To get the number of incorrect guesses all we have to do is apply XOR between the `sanity_check` column and the `is_ultra` column and count the number of not null results.

In [104]:
behavior_data['mistaken']=np.bitwise_xor(behavior_data['is_ultra'],behavior_data['sanity_check'])
mistaken_guesses=behavior_data['mistaken'].sum()
mistaken_guesses

1060

In [105]:
sanity_check_accuracy=(len(behavior_data)-mistaken_guesses)/len(behavior_data)
sanity_check_accuracy

0.670192906036092

We get an accuracy of just $67\%$ which is lower than all the other models examined.

## Overall Conclusion
We have opened and explored the table. 
The data didn't require processing.
We checked the correlation table to select our features that will be used in the learning models. We saw that each feature contributed relatively equally to the target.
We split the data both in the 6:2:2 ratio and the 8:1:1 ratio, to understand which ratio would give better results.

We checked three models: **Decision Tree Classifier**, **Random Forest Classifier** and **Logistic Regression**. This is the tabel with the results we received.

In [150]:
result_models

Unnamed: 0,622,811
DTC,0.785381,0.801242
RFC,0.804044,0.826087
LR,0.744946,0.741433


We see that all models got a better result than the sanity check model.

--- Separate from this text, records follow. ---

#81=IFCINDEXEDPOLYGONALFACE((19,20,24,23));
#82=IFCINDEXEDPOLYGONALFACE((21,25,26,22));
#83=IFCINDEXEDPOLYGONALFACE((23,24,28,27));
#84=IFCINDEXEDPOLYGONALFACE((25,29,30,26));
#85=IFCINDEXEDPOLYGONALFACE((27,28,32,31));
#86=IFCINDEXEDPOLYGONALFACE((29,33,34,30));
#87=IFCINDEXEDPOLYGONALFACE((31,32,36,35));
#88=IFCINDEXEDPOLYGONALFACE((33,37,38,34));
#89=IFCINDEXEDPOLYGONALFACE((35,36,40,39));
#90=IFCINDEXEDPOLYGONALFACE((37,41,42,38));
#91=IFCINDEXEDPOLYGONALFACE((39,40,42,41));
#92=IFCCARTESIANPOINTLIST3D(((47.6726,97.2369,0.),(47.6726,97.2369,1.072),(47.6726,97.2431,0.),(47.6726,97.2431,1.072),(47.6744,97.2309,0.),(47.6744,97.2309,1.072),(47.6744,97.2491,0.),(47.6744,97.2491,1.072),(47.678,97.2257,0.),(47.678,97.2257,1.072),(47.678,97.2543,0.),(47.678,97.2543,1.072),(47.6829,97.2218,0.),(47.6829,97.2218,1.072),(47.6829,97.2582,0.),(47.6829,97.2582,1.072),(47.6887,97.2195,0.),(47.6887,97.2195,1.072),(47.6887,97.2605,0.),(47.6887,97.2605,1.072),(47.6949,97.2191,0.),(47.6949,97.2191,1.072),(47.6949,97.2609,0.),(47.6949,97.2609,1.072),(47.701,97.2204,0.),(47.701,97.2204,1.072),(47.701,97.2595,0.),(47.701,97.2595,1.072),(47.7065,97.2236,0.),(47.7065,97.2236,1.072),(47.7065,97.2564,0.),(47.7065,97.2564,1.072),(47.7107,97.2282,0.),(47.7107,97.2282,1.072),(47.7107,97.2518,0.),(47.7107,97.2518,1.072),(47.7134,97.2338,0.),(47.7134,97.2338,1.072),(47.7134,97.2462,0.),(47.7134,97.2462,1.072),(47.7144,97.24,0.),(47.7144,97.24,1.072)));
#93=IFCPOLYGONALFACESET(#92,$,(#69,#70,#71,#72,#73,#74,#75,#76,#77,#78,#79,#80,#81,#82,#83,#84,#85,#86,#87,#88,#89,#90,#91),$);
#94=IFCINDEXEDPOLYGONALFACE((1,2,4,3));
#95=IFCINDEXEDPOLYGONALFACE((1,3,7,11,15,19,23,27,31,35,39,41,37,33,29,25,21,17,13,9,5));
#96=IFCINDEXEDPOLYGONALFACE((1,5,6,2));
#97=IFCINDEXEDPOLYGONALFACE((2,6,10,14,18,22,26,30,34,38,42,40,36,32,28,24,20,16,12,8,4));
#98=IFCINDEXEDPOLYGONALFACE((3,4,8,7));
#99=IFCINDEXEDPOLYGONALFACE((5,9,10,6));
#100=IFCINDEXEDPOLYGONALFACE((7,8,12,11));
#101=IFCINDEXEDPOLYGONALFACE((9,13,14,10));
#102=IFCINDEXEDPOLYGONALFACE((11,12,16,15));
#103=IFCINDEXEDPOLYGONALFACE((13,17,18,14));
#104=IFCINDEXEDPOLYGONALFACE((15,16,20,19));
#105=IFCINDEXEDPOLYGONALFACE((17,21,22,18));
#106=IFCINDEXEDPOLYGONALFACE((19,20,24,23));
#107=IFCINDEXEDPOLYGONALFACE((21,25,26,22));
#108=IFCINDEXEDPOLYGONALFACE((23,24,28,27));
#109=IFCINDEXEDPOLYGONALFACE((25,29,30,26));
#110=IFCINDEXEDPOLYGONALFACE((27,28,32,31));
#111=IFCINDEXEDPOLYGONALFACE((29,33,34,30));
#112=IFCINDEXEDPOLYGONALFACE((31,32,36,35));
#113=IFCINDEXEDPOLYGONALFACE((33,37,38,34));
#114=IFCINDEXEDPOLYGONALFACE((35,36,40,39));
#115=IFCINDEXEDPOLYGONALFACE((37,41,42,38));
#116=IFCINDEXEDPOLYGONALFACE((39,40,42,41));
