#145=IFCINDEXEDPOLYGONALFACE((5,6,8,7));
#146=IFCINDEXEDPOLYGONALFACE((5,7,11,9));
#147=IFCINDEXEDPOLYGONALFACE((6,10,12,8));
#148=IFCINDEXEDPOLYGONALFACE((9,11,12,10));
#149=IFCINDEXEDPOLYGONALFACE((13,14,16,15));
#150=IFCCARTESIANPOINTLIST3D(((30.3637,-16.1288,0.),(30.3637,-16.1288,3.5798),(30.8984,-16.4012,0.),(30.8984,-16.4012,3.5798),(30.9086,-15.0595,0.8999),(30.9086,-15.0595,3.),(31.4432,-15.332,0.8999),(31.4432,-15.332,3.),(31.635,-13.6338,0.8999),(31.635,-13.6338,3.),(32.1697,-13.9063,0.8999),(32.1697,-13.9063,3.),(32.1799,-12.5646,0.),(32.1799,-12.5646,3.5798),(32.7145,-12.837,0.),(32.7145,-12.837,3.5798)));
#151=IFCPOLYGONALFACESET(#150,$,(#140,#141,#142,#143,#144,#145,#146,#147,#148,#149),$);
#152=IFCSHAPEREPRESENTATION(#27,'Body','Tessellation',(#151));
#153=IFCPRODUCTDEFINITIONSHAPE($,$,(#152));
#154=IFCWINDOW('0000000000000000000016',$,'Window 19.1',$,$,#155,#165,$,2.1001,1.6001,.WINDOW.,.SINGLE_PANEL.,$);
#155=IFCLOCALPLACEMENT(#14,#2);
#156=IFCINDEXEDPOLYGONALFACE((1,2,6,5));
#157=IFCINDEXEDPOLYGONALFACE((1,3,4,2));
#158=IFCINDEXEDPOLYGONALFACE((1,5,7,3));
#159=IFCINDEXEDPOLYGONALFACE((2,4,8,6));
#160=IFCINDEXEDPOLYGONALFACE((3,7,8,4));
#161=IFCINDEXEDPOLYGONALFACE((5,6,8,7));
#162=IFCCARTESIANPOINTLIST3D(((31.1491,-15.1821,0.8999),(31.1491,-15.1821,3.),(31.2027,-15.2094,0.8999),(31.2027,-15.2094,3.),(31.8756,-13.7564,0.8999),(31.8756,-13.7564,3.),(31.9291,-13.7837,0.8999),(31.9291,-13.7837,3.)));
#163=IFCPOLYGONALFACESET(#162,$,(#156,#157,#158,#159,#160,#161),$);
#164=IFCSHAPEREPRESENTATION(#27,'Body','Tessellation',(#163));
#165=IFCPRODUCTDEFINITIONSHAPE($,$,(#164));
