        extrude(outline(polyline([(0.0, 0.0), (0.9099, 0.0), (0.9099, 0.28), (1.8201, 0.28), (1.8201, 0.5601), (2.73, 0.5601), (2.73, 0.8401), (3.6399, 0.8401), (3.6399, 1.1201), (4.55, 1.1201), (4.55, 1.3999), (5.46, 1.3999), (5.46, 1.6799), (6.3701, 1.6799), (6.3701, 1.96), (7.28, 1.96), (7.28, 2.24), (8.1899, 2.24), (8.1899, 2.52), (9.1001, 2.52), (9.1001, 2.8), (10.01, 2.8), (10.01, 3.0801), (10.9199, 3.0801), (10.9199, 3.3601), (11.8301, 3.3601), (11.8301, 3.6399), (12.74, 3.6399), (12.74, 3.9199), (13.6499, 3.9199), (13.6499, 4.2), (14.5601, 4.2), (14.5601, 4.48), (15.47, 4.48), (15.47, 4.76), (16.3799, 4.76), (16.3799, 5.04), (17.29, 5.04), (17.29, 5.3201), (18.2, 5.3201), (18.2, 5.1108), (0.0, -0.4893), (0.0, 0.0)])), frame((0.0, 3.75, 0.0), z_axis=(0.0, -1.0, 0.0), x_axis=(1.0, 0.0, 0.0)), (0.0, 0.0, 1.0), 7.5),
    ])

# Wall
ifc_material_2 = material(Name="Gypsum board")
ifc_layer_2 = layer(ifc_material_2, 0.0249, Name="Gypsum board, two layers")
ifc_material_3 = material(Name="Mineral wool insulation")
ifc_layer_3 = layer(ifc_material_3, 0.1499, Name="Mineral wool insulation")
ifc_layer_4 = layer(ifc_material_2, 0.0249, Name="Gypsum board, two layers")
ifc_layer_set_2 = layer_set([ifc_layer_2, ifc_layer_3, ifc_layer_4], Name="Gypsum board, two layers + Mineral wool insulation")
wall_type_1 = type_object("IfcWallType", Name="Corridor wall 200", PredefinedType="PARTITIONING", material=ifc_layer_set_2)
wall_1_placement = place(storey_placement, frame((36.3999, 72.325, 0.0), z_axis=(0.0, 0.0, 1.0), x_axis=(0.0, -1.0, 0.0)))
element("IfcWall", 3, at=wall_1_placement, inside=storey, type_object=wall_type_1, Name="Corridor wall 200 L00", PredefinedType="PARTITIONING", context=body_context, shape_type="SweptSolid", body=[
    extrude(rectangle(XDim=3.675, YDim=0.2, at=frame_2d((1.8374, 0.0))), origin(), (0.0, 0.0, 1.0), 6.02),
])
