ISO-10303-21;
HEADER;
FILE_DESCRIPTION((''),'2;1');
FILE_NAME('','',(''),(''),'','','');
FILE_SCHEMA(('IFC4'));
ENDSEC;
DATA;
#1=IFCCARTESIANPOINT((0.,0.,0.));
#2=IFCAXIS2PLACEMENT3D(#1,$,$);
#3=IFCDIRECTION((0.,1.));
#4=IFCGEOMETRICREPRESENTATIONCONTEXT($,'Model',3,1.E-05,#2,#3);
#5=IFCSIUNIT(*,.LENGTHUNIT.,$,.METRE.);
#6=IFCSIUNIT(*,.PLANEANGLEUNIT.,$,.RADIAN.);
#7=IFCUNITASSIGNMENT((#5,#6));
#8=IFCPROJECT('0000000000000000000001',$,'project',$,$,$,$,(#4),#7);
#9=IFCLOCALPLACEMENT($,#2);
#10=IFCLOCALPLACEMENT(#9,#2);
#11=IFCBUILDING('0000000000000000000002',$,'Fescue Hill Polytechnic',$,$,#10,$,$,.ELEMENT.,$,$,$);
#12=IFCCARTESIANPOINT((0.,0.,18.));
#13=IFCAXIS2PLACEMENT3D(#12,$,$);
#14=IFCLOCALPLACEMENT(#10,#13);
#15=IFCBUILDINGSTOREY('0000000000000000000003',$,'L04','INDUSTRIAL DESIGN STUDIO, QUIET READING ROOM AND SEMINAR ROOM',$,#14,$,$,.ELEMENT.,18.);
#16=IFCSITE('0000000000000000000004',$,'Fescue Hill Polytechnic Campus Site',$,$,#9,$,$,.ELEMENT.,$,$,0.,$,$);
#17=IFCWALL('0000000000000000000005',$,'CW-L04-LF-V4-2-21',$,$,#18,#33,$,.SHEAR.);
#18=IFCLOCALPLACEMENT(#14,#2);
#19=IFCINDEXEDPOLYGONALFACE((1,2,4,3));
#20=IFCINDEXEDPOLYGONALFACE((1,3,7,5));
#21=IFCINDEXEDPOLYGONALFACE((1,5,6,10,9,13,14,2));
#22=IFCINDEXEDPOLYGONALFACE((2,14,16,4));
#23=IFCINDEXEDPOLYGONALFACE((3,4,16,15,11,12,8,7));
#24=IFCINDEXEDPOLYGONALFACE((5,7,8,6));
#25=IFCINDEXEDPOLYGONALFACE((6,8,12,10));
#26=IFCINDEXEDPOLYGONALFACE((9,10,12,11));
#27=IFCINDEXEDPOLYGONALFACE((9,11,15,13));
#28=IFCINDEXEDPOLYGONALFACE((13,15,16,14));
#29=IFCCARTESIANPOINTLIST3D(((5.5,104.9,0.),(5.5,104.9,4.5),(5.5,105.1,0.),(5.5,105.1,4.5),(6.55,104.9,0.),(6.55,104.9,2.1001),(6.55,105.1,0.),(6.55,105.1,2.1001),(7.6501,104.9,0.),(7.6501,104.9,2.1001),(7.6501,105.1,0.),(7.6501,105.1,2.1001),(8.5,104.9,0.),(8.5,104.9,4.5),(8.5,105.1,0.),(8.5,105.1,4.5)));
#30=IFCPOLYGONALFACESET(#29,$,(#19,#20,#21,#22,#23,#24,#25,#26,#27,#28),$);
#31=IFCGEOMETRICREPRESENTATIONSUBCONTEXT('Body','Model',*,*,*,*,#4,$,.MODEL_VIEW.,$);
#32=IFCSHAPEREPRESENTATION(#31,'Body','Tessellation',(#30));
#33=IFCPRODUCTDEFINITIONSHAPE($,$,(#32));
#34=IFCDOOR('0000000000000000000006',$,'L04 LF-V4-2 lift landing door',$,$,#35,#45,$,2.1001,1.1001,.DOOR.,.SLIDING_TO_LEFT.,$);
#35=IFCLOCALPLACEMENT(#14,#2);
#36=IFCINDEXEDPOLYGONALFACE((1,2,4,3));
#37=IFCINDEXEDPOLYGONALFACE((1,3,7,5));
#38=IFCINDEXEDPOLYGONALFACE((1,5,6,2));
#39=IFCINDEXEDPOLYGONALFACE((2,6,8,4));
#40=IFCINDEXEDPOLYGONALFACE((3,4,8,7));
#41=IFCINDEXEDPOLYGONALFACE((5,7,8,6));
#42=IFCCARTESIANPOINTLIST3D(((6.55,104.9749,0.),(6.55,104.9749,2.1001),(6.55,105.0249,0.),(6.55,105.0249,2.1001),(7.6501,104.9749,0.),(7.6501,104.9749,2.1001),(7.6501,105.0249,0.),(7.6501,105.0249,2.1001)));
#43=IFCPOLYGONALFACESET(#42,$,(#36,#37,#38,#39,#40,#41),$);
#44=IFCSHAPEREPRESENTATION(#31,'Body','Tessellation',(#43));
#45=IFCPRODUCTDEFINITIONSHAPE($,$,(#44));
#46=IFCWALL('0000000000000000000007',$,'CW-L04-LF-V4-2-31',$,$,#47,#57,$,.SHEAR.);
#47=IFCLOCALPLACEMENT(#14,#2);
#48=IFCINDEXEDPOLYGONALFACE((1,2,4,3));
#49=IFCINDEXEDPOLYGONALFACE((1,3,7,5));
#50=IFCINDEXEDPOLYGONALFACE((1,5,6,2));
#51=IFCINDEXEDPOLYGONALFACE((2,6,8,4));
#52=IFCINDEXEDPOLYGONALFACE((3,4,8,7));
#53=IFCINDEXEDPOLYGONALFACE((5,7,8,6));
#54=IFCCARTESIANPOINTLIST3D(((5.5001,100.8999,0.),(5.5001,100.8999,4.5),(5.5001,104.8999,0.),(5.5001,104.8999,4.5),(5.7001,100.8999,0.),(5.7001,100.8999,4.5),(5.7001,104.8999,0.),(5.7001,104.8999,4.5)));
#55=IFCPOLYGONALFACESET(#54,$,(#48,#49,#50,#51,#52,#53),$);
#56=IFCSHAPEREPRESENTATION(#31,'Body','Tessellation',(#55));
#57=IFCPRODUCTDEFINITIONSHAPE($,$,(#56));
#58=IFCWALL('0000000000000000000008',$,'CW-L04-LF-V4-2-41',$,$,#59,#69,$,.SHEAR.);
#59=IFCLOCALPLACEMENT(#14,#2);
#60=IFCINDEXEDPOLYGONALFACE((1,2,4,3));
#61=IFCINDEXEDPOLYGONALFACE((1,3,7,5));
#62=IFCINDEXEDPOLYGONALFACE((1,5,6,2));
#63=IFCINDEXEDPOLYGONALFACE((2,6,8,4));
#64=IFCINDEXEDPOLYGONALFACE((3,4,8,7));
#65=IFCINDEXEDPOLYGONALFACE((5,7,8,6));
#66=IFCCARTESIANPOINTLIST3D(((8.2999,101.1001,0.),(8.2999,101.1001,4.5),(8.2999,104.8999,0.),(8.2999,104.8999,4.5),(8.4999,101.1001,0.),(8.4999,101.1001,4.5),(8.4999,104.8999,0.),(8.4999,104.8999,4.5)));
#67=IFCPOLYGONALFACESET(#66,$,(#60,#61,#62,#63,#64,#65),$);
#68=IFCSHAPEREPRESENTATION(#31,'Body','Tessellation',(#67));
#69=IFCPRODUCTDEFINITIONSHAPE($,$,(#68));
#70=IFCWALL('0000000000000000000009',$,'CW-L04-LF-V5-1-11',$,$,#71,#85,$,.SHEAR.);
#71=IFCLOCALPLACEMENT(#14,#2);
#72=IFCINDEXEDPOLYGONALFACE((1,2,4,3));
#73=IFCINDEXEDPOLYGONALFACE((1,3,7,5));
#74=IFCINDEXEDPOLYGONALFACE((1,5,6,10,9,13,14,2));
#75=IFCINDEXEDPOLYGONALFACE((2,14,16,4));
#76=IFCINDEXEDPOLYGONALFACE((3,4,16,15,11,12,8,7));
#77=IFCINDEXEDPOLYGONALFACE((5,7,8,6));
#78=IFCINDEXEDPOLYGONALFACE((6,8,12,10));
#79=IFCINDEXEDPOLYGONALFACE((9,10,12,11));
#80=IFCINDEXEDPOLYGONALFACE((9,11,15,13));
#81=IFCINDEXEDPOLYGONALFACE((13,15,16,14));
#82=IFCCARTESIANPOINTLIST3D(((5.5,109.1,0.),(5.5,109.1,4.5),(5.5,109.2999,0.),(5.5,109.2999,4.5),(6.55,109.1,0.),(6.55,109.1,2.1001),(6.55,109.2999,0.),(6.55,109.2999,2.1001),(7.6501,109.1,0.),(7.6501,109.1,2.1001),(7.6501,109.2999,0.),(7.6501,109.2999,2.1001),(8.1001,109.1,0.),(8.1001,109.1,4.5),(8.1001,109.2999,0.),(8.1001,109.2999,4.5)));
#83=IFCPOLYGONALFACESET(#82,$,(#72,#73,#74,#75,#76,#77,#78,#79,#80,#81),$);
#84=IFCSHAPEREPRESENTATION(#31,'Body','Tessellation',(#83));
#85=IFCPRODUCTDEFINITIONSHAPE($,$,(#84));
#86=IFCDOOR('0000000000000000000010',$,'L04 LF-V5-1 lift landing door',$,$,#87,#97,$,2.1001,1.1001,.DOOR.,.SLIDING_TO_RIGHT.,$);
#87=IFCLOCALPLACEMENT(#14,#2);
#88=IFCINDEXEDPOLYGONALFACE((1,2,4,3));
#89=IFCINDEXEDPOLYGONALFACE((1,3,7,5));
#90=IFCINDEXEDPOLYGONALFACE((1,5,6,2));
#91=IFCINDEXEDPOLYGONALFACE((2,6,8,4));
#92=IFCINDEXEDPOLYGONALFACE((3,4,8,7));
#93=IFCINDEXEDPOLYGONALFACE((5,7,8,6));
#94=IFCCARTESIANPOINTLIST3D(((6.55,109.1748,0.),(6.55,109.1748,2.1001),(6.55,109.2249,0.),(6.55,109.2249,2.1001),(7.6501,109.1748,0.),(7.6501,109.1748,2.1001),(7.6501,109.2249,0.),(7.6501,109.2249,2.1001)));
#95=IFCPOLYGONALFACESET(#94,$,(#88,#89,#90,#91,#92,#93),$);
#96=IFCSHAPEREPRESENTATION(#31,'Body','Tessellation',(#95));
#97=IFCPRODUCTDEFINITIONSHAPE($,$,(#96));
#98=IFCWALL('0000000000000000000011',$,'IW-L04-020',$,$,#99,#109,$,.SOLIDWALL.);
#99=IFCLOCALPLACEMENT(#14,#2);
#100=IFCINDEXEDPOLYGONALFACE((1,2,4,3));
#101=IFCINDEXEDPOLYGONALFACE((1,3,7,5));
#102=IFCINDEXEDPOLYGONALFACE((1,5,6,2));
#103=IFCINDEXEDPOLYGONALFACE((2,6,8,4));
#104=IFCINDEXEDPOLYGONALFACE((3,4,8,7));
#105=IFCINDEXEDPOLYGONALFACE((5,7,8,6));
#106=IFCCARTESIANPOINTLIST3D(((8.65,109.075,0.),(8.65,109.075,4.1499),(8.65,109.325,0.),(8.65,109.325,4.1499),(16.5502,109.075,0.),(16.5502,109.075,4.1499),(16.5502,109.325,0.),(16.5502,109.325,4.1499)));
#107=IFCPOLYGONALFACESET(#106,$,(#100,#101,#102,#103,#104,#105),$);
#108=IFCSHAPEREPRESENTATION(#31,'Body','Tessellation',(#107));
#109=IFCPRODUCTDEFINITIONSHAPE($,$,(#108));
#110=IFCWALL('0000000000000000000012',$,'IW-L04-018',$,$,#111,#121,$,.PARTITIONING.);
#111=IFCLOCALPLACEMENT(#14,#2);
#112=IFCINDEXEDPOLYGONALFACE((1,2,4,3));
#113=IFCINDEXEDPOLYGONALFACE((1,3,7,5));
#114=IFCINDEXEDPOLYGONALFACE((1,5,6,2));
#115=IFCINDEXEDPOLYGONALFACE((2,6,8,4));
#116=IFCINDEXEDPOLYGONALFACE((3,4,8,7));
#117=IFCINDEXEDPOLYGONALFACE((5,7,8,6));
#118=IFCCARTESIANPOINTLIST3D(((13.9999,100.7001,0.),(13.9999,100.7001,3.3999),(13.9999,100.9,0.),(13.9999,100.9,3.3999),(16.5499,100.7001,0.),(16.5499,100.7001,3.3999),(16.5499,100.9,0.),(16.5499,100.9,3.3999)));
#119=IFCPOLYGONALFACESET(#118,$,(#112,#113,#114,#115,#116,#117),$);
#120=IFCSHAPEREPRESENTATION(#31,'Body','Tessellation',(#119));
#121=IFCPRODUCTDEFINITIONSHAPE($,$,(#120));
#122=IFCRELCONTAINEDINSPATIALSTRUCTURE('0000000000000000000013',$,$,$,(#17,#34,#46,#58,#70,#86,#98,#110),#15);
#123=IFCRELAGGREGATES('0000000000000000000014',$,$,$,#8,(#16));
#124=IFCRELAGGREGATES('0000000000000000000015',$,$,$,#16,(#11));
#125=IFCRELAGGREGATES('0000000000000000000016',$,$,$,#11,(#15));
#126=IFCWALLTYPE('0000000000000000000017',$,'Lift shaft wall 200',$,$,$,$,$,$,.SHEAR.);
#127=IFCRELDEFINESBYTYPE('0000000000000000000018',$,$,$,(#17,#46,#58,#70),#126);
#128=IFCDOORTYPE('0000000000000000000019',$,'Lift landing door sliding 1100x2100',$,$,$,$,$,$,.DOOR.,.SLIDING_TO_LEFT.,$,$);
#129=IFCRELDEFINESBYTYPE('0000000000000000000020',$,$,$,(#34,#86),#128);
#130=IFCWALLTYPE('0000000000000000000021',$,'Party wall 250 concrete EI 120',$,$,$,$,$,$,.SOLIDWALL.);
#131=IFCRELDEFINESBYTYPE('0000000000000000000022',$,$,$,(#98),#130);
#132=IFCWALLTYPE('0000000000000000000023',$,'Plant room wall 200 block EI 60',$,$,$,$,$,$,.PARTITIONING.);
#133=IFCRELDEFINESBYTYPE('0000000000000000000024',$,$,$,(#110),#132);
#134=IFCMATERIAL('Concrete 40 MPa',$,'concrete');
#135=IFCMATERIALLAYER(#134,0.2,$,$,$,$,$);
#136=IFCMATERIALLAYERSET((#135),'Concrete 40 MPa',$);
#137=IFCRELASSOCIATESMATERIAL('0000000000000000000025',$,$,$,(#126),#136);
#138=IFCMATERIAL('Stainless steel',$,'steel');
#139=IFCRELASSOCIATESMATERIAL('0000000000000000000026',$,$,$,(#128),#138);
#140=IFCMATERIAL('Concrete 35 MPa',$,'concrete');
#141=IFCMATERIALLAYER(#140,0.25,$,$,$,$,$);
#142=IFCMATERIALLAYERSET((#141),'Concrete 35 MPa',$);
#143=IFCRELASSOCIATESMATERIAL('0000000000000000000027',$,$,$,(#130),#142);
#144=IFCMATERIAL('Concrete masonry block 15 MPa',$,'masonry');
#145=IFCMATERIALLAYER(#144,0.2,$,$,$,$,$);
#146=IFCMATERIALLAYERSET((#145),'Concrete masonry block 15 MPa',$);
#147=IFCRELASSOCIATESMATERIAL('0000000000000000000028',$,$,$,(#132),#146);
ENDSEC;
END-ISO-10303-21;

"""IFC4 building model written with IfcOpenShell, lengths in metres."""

from ifc_helpers import new_model, si_unit, direction, frame, frame_2d, origin, place, context, subcontext, project, spatial, rectangle, extrude, material, layer, layer_set, type_object, element, fill, save


model = new_model("IFC4")

# Units and contexts
model_context = context("Model", 3, precision=1e-05, world=origin(), true_north=direction((0.0, 1.0)))
body_context = subcontext(model_context, "Body", "Model", "MODEL_VIEW")
ifc_project = project(units=[si_unit("LENGTHUNIT", "METRE"), si_unit("PLANEANGLEUNIT", "RADIAN")], contexts=[model_context])

# Site, building, storey
site_placement = place(None, origin())
site = spatial("IfcSite", under=ifc_project, at=site_placement, Name="Fescue Hill Polytechnic Campus Site", CompositionType="ELEMENT", RefElevation=0.0)
building_placement = place(site_placement, origin())
building = spatial("IfcBuilding", under=site, at=building_placement, Name="Fescue Hill Polytechnic", CompositionType="ELEMENT")
storey_placement = place(building_placement, frame((0.0, 0.0, 18.0)))
storey = spatial("IfcBuildingStorey", under=building, at=storey_placement, Name="L04", Description="INDUSTRIAL DESIGN STUDIO, QUIET READING ROOM AND SEMINAR ROOM", CompositionType="ELEMENT", Elevation=18.0)

# Shared definitions
ifc_material_1 = material(Name="Concrete 40 MPa", Category="concrete")

# Shared definitions
ifc_material_2 = material(Name="Concrete 35 MPa", Category="concrete")

# Wall, opening, door
ifc_material_3 = material(Name="Concrete masonry block 15 MPa", Category="masonry")
ifc_layer_1 = layer(ifc_material_1, 0.2)
ifc_layer_set_1 = layer_set([ifc_layer_1], Name="Concrete 40 MPa")
wall_type_1 = type_object("IfcWallType", Name="Lift shaft wall 200", PredefinedType="SHEAR", material=ifc_layer_set_1)
ifc_material_4 = material(Name="Stainless steel", Category="steel")
door_type_1 = type_object("IfcDoorType", Name="Lift landing door sliding 1100x2100", OperationType="SLIDING_TO_LEFT", PredefinedType="DOOR", material=ifc_material_4)
wall_1_placement = place(storey_placement, frame((5.5, 105.0, 0.0), z_axis=(0.0, 0.0, 1.0), x_axis=(1.0, 0.0, 0.0)))
wall_1 = element("IfcWall", 1, at=wall_1_placement, inside=storey, type_object=wall_type_1, Name="CW-L04-LF-V4-2-21", PredefinedType="SHEAR", context=body_context, shape_type="SweptSolid", body=[
    extrude(rectangle(XDim=3.0, YDim=0.2, at=frame_2d((1.5, 0.0))), origin(), (0.0, 0.0, 1.0), 4.5),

Logistics Regression didn't succeed in giving a better accuracy than the minimal target which was 75%. (It is worth noting that the Logistics Regression split was actually 8:2 and 9:1. Even with extra training data this didn't improve enough the result)
We see in most cases the 8:1:1 ratio gave better results. More training data gives better Learning Models.

The overal winner is: **Random Forest Classifier** with a 8:1:1 split. This gives an **0.826 accuracy**!